The UK’s Financial Conduct Authority has published a letter to the CEO addressed to credit rating agencies setting out its expectations for the actions rating agencies should take to minimize risk to consumers, market integrity and competition . The letter sets out FCA’s oversight priorities:
- Rating process and methodologies: The FCA observes that there is an inconsistency in the standard of regulatory reporting by companies. The FCA will review the regulatory notifications it receives and perform spot checks on rating actions and methodology updates. It will take action against companies that fail to meet expectations.
- Governance and oversight: Companies should have good conduct risk frameworks and effective arrangements to identify risks of harm. The FCA will assess the effectiveness of board oversight of governance as well as internal control structures and senior management skills.

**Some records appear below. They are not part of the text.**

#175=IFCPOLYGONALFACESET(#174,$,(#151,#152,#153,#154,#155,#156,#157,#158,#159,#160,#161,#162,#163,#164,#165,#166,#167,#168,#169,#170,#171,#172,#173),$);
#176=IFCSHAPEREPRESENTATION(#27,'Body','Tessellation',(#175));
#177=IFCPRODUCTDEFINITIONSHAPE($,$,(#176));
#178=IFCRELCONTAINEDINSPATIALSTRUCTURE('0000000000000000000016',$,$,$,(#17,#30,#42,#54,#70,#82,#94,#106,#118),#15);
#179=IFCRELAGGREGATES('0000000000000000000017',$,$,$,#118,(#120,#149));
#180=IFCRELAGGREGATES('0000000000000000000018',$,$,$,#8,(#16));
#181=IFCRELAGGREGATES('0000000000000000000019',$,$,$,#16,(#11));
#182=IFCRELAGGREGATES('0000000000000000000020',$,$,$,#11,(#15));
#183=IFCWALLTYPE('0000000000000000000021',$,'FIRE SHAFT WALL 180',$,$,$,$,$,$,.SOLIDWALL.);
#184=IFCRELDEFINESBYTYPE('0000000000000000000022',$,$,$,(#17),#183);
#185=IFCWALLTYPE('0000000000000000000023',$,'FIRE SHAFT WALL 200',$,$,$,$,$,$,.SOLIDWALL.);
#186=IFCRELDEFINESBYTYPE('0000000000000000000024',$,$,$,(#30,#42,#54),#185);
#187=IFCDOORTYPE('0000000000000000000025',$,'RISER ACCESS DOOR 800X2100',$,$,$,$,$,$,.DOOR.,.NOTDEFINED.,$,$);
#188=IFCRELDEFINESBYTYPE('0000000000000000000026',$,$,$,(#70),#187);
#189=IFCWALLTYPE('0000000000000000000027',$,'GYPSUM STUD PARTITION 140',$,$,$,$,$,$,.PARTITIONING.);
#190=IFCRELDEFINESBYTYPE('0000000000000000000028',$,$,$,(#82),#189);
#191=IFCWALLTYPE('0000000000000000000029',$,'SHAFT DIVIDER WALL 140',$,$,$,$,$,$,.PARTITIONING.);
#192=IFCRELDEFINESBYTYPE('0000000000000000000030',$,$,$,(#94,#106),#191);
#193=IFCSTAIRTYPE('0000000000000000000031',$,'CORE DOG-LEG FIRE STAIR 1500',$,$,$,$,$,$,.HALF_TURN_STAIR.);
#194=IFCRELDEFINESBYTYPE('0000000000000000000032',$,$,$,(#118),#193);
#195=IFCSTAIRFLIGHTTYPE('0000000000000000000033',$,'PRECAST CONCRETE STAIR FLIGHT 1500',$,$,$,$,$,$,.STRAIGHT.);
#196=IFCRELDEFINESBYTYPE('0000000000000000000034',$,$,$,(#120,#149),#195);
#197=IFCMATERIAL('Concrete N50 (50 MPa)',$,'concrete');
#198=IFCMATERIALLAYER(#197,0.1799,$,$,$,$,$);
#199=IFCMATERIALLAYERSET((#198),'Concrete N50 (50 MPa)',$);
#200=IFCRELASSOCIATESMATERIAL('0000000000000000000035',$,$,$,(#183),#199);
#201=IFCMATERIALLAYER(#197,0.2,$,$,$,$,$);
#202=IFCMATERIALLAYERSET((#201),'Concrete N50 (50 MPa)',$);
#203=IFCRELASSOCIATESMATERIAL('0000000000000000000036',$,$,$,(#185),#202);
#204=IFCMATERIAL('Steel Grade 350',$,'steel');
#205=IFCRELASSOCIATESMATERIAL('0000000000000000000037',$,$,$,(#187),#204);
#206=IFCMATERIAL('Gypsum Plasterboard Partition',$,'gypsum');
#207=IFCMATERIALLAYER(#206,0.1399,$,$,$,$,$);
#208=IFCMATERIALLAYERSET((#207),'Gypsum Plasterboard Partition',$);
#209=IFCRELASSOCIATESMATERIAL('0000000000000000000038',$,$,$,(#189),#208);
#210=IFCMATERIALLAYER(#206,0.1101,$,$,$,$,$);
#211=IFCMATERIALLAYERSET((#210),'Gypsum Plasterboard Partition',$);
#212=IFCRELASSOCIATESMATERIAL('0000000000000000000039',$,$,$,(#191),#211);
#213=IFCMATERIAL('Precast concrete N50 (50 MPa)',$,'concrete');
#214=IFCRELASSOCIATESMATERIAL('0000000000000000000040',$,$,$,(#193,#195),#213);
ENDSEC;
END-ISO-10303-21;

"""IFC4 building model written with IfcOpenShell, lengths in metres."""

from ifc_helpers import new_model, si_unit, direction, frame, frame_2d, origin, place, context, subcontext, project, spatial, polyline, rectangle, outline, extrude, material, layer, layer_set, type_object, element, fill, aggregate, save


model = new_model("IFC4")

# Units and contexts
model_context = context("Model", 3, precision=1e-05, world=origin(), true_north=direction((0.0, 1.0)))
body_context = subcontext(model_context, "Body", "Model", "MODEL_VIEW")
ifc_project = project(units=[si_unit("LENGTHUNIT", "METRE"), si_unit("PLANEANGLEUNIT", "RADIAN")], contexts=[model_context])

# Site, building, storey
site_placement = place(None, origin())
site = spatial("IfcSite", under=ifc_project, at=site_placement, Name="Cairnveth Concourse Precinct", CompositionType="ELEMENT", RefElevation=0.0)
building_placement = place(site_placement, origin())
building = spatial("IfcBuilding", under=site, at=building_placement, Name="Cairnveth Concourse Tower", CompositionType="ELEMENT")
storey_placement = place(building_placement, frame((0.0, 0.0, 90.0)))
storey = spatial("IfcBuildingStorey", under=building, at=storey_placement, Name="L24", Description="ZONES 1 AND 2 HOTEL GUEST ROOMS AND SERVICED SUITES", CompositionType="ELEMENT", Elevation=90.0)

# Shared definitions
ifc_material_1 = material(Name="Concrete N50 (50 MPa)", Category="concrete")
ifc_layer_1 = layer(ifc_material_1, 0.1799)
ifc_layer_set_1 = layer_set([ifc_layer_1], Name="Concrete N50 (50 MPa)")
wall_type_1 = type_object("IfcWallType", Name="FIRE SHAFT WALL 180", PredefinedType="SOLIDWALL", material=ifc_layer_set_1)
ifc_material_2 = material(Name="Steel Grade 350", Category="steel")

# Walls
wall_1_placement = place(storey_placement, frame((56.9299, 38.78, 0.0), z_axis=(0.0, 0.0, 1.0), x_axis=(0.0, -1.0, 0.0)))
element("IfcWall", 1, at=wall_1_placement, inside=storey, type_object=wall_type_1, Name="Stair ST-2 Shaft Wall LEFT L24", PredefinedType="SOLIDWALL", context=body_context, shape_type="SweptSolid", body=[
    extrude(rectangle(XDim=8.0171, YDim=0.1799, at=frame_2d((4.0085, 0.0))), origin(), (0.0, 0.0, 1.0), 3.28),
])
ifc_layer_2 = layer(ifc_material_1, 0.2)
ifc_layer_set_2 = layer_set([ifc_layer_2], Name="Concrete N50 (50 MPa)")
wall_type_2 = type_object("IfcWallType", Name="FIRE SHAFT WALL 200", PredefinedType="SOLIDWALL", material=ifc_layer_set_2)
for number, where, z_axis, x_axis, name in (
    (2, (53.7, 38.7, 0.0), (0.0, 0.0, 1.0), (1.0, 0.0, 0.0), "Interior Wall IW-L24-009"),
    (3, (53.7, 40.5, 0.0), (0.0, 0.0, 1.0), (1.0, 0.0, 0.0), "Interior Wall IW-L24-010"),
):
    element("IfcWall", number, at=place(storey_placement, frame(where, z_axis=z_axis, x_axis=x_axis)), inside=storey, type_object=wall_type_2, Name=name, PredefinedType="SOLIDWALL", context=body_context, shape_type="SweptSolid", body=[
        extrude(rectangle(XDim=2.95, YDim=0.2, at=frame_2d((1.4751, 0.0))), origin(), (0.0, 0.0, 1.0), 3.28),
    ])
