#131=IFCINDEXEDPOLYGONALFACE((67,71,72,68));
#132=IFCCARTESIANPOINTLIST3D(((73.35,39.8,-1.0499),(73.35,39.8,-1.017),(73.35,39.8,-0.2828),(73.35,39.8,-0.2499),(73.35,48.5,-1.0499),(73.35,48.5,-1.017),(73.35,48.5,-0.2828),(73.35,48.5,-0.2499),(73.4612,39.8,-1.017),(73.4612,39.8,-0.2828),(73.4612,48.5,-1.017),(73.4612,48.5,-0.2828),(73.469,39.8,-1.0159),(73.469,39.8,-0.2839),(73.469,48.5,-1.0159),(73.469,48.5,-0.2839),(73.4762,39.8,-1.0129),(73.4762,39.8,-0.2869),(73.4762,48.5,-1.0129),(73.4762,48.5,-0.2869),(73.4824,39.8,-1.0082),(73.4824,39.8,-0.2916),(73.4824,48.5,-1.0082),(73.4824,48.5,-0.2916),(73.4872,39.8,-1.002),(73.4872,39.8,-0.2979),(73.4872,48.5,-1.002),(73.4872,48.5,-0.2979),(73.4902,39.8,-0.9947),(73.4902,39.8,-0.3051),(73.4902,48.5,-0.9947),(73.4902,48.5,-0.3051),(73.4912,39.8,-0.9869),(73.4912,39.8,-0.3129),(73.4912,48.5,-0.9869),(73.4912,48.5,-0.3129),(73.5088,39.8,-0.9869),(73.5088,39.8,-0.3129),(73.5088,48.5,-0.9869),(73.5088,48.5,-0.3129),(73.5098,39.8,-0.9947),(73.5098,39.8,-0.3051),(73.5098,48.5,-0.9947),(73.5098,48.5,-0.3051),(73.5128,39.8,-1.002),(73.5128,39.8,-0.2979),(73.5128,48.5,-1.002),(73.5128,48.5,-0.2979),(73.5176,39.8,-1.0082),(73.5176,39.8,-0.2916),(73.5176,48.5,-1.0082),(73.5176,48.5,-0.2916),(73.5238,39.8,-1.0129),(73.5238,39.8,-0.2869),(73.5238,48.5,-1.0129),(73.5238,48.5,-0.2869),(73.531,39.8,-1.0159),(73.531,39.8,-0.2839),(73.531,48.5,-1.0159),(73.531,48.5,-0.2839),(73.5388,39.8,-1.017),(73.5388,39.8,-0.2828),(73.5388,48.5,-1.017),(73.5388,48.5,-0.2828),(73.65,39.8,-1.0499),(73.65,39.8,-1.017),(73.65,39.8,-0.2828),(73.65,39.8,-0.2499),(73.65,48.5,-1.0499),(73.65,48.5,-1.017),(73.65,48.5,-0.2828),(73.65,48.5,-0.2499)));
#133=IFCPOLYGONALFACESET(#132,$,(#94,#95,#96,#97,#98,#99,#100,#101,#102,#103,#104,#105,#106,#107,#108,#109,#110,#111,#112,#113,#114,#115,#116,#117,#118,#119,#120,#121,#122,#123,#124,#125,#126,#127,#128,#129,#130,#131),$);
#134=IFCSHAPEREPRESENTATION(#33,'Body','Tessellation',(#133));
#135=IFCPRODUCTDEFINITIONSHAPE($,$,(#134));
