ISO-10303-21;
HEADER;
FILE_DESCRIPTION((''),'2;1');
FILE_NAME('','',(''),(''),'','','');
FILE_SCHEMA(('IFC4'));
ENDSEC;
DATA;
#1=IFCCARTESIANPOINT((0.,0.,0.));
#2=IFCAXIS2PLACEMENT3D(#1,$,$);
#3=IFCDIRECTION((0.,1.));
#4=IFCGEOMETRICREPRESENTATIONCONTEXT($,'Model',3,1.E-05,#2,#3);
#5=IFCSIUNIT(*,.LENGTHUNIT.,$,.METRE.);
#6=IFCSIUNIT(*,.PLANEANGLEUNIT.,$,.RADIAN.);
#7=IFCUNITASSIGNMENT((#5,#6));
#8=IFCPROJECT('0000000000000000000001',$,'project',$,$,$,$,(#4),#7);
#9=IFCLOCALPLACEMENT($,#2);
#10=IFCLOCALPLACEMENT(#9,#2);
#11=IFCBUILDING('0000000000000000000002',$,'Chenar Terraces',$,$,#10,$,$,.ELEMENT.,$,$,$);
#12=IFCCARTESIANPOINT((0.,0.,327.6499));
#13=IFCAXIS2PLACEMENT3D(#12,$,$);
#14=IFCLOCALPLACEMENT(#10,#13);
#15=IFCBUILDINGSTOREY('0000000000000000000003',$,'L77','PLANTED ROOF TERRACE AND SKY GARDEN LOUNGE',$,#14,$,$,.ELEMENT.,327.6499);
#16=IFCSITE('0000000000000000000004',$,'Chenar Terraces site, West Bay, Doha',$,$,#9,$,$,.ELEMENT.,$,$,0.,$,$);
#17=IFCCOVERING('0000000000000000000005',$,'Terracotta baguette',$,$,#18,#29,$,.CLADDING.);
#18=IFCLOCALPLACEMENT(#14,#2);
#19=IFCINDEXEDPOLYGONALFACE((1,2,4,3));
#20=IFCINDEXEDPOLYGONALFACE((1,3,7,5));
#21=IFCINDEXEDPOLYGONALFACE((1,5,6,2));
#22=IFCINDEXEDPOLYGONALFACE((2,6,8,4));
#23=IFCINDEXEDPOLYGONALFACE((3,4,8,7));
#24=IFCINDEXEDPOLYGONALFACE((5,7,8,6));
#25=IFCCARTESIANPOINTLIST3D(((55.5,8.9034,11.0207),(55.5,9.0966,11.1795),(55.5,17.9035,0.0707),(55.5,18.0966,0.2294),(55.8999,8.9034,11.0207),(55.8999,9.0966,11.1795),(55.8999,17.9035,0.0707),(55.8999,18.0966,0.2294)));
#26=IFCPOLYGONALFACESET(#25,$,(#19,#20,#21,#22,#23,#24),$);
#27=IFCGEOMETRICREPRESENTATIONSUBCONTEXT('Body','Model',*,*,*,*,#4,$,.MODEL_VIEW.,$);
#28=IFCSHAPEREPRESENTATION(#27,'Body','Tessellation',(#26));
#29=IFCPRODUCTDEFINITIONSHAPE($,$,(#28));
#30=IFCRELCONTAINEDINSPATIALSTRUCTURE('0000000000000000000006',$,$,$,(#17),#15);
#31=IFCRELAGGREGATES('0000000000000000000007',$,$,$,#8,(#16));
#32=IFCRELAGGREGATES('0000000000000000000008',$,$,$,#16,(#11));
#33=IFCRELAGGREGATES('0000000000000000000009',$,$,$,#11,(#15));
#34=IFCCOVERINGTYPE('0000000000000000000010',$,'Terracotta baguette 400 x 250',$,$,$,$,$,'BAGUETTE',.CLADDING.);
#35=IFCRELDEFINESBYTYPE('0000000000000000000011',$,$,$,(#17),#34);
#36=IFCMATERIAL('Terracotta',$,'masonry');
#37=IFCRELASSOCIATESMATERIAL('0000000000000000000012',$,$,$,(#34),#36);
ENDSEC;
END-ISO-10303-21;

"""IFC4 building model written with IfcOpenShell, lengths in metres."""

from ifc_helpers import new_model, si_unit, direction, frame, origin, origin_2d, place, context, subcontext, project, spatial, rectangle, extrude, material, material_profile, profile_set, type_object, element, save


model = new_model("IFC4")

# Units and contexts
model_context = context("Model", 3, precision=1e-05, world=origin(), true_north=direction((0.0, 1.0)))
body_context = subcontext(model_context, "Body", "Model", "MODEL_VIEW")
ifc_project = project(units=[si_unit("LENGTHUNIT", "METRE"), si_unit("PLANEANGLEUNIT", "RADIAN")], contexts=[model_context])

# Site, building, storey
site_placement = place(None, origin())
site = spatial("IfcSite", under=ifc_project, at=site_placement, Name="Chenar Terraces site, West Bay, Doha", CompositionType="ELEMENT", RefElevation=0.0)
building_placement = place(site_placement, origin())
building = spatial("IfcBuilding", under=site, at=building_placement, Name="Chenar Terraces", CompositionType="ELEMENT")
storey_placement = place(building_placement, frame((0.0, 0.0, 327.6499)))
storey = spatial("IfcBuildingStorey", under=building, at=storey_placement, Name="L77", Description="PLANTED ROOF TERRACE AND SKY GARDEN LOUNGE", CompositionType="ELEMENT", Elevation=327.6499)

# Covering
ifc_material_1 = material(Name="Terracotta", Category="masonry")
ifc_material_profile_1 = material_profile(ifc_material_1, rectangle(XDim=0.3999, YDim=0.25, at=origin_2d()), Name="Terracotta baguette 400 x 250")
ifc_profile_set_1 = profile_set([ifc_material_profile_1], Name="Terracotta")
covering_type = type_object("IfcCoveringType", Name="Terracotta baguette 400 x 250", ElementType="BAGUETTE", PredefinedType="CLADDING", material=ifc_profile_set_1)
covering_placement = place(storey_placement, frame((55.7, 9.0, 11.1001), z_axis=(0.0, 0.634967, -0.772539), x_axis=(-1.0, 0.0, 0.0)))
element("IfcCovering", 1, at=covering_placement, inside=storey, type_object=covering_type, Name="Terracotta baguette", PredefinedType="CLADDING", context=body_context, shape_type="SweptSolid", body=[
    extrude(rectangle(XDim=0.3999, YDim=0.25, at=origin_2d()), origin(), (0.0, 0.0, 1.0), 14.1741),
])

save(model, "model.ifc")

- Market and scope risks: The FCA observes that the CRA market is concentrated in a small number of large companies but that smaller companies also play an important role in providing alternative advice. Rating agencies are also increasingly carrying out activities outside the regulatory scope, which could give rise to conflicts of interest. The FCA intends to promote competition in the market and will publish a report on the market share of UK registered credit rating agencies. It also plans to be proactive at the limits of the regulatory scope.
- Operational risk and resourcing: The FCA observed that some companies were not reporting information security incidents and an increasing reliance on third-party vendors to provide aspects of the ratings process. The FCA will engage with the CRAs in the event of a significant operational incident and may take action against companies that do not notify them when such an incident occurs.